H15 proposed that the CCB–LH feedback process is a dynamic process of the explosive development of an extratropical cyclone over the Kuroshio/Kuroshio Extension, as illustrated in their Fig. 18. In this feedback process, the vapor evaporating from the warm currents enhances the mesoscale latent heating over the bent-back front with the aid of the CCB, leading to the rapid intensification of a cyclone. As shown in section 3, the deepening of the central pressure of the cyclone (Fig. 3) and the magnitude of the near-surface wind along the CCB (Fig. 4) were suppressed in the NLH run compared with those in the CNTL run. Since the latent heating over the bent-back front in the NLH run was also reduced in comparison with that in the CNTL run (Figs. 5 and 6), it seems that this reduction in the heating resulted in the inhibition of the cyclone’s development in the NLH run. These observations increase the reliability of the CCB–LH feedback process proposed by H15.

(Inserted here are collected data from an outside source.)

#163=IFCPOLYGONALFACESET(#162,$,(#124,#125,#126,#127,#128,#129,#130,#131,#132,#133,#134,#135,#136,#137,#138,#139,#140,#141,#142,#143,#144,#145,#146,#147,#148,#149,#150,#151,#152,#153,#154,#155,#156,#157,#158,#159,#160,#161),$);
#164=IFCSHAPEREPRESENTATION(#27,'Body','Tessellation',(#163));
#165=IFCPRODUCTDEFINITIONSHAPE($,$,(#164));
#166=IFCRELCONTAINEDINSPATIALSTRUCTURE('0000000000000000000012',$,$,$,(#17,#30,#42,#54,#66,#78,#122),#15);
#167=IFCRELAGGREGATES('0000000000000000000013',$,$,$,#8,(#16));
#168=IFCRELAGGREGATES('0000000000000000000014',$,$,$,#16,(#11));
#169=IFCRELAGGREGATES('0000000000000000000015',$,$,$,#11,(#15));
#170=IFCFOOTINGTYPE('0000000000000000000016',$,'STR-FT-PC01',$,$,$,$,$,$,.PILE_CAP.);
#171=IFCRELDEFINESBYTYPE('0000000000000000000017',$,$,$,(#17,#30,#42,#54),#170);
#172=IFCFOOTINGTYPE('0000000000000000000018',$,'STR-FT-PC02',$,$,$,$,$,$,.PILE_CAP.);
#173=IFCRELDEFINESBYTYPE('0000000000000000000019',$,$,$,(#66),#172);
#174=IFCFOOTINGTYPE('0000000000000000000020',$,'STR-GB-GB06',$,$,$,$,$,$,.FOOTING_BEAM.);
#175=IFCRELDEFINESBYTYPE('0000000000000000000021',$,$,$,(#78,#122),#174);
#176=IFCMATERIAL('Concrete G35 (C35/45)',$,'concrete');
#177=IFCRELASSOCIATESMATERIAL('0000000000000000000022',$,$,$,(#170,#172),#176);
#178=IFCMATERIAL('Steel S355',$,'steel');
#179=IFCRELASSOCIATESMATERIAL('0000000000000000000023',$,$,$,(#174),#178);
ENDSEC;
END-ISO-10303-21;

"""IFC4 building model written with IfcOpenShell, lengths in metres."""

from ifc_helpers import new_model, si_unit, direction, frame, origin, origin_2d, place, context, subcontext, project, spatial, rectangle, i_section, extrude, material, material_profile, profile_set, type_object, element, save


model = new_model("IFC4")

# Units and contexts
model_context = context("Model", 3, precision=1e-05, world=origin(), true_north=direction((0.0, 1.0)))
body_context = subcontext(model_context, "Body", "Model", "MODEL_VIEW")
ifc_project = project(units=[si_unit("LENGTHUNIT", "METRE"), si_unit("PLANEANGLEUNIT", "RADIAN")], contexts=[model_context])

Comparisons between the CNTL and NSH runs demonstrate that the cyclone’s intensity (Figs. 3 and 4) and the associated mesoscale updraft and latent heating over the bent-back front (Figs. 5 and 6) are more attenuated in the latter than in the former. Such differences also appeared between the NLH and NSLH runs (Figs. 3, 4, 5, and 6). It should be noted that the sensible heat supply from the warm currents caused the increase in latent heating over the bent-back front, which eventually accelerated the cyclone’s growth. Thus, it is probable that sensible heat supply plays additional roles in the CCB–LH feedback process as will be discussed in detail in the next paragraph.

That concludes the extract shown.